Mysore/Mysuru: Saraswathi Samman recipient and acclaimed Kannada novelist Dr. S.L. Bhyrappa will soon catch the imagination of theatre lovers as his novels will be adapted into plays at theatre repertoire Rangayana. 

Though the novelist’s works have been translated into English and many regional languages, Rangayana had not so far experimented on them as there was a prejudice that Bhyrappa is a right-wing writer. Though art and literature transcends the boundaries of caste, creed, sex, personal prejudices and religion and one cannot brand a writer as right wing, left wing or neutral, Dr. Bhyrappa was an anathema to many theatre activists, artistes and people who were in the forefront of theatre in Mysuru. 

Dr. Bhyrappa hails from Mysuru and despite this, Mysuru’s Rangayana never thought of adapting his novels as plays to reach the mass audience. Now with Addanda C. Cariappa as the Rangayana Director, things are moving in the right direction without any bias, vested interests or prejudice. Bhyrappa’s novel ‘Parva’ will be adapted into a play and work has begun in this regard. 

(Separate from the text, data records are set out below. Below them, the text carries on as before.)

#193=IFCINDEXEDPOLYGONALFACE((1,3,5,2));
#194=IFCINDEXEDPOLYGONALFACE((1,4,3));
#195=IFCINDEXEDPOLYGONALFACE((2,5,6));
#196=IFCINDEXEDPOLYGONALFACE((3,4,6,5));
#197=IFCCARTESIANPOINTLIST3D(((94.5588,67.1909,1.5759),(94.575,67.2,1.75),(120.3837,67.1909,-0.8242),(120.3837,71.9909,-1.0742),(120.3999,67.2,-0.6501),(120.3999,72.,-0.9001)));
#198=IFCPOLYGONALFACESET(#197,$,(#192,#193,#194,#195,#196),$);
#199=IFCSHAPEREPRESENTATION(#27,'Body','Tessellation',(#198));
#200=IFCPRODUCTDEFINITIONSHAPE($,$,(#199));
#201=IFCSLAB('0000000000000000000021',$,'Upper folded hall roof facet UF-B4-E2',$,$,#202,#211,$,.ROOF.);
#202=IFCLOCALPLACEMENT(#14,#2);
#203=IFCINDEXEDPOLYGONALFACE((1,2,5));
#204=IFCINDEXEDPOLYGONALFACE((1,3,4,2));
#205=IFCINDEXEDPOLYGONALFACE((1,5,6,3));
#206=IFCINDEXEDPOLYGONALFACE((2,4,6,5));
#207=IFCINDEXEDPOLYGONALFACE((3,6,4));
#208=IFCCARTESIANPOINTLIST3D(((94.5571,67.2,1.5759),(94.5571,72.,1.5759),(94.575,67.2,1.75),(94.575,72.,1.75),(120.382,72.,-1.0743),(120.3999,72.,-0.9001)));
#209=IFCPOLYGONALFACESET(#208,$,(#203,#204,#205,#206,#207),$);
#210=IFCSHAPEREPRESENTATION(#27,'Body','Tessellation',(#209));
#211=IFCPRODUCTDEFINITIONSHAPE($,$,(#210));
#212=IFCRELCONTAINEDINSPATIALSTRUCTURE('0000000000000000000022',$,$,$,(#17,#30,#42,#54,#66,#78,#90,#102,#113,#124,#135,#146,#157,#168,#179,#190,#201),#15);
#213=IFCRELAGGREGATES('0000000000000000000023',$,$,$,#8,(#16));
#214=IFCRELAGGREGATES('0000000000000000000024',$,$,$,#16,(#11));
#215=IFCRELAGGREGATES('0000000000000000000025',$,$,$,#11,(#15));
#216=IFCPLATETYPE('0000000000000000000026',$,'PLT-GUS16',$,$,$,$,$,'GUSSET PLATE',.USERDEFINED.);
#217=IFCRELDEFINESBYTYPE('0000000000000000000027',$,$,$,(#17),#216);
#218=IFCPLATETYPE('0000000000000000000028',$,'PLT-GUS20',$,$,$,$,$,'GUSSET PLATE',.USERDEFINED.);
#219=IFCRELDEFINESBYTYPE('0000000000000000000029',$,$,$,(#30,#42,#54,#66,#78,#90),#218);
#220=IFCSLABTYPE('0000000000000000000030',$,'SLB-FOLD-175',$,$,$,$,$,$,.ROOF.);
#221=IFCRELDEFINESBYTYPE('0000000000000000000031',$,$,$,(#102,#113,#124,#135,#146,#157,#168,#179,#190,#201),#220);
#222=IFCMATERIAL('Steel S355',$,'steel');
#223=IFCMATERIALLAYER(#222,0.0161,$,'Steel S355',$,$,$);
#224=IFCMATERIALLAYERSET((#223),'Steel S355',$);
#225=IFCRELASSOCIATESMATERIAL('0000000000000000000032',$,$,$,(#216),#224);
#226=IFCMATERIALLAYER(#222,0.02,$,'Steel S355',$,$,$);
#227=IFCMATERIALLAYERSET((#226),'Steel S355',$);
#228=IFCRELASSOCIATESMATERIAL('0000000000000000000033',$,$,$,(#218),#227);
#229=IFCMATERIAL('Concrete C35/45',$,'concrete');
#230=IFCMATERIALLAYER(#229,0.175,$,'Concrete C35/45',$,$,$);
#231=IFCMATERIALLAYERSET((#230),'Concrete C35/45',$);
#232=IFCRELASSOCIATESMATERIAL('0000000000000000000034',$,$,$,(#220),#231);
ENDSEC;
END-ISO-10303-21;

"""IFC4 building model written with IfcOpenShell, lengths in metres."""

Rangayana has the distinction of bringing Kuvempu’s ‘Sri Ramayana Darshanam’ and ‘Malegalalli Madumagalu’ into theatre and both the plays received tremendous response. Rangayana artistes said that this ‘Parva’ adaptation is an ambitious project and the nitty-gritty of the project has begun with the artistes examining the finer details in the novel. 

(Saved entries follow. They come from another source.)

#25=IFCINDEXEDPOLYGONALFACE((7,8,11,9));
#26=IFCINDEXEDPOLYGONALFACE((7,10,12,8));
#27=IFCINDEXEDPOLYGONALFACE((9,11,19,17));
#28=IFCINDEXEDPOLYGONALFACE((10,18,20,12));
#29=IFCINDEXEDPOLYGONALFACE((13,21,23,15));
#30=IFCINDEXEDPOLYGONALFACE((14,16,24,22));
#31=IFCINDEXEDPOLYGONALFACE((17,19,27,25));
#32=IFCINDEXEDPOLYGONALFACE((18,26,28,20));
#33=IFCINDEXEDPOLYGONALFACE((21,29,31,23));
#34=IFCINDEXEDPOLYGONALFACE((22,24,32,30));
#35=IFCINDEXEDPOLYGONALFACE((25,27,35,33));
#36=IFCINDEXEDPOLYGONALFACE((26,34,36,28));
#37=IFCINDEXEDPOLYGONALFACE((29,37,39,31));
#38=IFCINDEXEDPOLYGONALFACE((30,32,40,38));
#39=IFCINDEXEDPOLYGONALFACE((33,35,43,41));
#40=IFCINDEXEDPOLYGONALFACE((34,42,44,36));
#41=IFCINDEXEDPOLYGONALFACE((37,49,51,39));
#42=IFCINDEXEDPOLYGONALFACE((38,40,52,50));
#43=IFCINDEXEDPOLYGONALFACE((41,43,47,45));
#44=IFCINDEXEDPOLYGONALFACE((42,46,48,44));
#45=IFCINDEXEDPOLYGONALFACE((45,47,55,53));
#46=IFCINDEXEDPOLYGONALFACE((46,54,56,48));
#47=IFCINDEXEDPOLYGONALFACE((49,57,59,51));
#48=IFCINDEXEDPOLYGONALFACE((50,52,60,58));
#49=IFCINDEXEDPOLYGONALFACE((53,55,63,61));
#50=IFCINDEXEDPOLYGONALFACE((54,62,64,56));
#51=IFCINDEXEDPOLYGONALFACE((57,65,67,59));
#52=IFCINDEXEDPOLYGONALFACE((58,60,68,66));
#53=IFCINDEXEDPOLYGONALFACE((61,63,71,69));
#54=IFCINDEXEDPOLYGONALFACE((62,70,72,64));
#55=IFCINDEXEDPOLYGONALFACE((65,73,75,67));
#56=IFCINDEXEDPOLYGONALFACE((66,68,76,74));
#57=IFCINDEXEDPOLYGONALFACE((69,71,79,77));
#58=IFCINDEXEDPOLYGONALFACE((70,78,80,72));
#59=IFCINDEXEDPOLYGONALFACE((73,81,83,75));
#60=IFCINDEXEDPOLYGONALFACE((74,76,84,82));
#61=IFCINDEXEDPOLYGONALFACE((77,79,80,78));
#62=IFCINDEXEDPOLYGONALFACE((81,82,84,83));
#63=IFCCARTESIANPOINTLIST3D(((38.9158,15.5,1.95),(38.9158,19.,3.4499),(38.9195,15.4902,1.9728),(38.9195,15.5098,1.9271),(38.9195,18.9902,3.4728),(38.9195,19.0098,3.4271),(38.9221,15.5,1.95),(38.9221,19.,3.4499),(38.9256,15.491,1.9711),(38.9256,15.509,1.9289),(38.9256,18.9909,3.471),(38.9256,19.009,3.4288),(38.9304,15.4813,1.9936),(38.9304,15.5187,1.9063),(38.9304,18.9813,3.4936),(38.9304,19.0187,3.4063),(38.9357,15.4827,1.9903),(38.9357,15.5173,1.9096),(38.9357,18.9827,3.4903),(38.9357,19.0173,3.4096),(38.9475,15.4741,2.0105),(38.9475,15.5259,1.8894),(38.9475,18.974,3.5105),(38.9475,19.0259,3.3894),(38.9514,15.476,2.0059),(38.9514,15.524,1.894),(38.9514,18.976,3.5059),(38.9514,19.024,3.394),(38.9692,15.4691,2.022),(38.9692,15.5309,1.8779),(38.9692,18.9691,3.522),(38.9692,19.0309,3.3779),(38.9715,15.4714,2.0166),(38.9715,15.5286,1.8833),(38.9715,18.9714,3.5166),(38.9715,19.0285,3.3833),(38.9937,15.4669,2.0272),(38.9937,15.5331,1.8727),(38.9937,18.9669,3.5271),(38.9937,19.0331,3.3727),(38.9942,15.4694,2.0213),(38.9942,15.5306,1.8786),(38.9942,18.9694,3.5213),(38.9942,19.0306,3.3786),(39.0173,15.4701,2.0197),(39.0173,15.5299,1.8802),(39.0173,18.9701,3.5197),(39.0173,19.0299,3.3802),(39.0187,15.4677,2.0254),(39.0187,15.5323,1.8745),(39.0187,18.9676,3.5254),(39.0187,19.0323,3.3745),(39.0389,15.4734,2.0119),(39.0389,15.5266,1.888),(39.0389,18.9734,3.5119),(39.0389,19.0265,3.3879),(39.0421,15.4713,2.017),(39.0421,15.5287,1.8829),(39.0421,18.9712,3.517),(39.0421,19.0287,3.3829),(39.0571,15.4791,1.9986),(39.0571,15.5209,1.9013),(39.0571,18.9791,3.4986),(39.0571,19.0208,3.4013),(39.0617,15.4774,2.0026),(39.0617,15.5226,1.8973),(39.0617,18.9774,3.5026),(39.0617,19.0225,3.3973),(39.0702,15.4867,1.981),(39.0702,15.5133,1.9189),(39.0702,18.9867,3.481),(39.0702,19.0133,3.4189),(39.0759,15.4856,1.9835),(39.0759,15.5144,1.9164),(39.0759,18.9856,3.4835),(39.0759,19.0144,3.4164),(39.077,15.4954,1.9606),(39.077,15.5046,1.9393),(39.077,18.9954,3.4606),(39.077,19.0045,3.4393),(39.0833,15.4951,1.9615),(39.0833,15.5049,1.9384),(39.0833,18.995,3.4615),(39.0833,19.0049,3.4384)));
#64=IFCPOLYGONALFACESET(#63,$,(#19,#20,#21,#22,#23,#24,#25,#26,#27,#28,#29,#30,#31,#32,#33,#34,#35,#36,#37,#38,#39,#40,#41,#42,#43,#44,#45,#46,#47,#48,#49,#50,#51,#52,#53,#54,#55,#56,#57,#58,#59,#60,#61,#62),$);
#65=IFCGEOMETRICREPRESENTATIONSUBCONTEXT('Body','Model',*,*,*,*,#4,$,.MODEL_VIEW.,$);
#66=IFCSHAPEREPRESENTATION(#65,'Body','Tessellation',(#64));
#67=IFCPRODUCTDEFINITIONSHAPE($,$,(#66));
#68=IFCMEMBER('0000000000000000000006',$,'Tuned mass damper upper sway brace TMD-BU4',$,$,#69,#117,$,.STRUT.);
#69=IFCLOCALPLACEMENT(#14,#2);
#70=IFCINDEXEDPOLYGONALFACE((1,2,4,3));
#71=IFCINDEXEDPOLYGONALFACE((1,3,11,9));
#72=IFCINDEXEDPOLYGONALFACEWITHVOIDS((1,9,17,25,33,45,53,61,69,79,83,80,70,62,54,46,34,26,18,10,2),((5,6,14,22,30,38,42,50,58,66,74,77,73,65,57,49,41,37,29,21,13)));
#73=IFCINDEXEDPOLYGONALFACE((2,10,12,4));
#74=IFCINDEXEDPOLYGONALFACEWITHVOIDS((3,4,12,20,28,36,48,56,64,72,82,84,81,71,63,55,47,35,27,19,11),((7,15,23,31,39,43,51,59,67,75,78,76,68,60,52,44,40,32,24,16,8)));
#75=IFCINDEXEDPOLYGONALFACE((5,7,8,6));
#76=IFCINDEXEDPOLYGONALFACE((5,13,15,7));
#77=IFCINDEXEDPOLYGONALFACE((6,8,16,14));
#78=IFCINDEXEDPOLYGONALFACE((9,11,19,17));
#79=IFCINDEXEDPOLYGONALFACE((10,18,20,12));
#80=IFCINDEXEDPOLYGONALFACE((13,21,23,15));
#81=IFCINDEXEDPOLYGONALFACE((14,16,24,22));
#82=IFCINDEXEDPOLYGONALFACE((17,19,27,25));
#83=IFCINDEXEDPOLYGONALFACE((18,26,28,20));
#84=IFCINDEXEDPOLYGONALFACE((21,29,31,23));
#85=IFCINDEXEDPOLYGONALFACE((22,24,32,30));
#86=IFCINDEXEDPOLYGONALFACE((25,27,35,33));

After the first show at Rangayana, ‘Parva’ will be staged across the State including places like Shivamogga, Dharwad, Kalaburagi, Chikkamagalur, Hubballi, Udupi, Chitradurga, Davanagere and other places. 

Considering Dr. Bhyrappa’s popularity and a wide reach – thanks to the universal appeal of his novels – artistes are sure that the ‘Parva’ play will be well-received.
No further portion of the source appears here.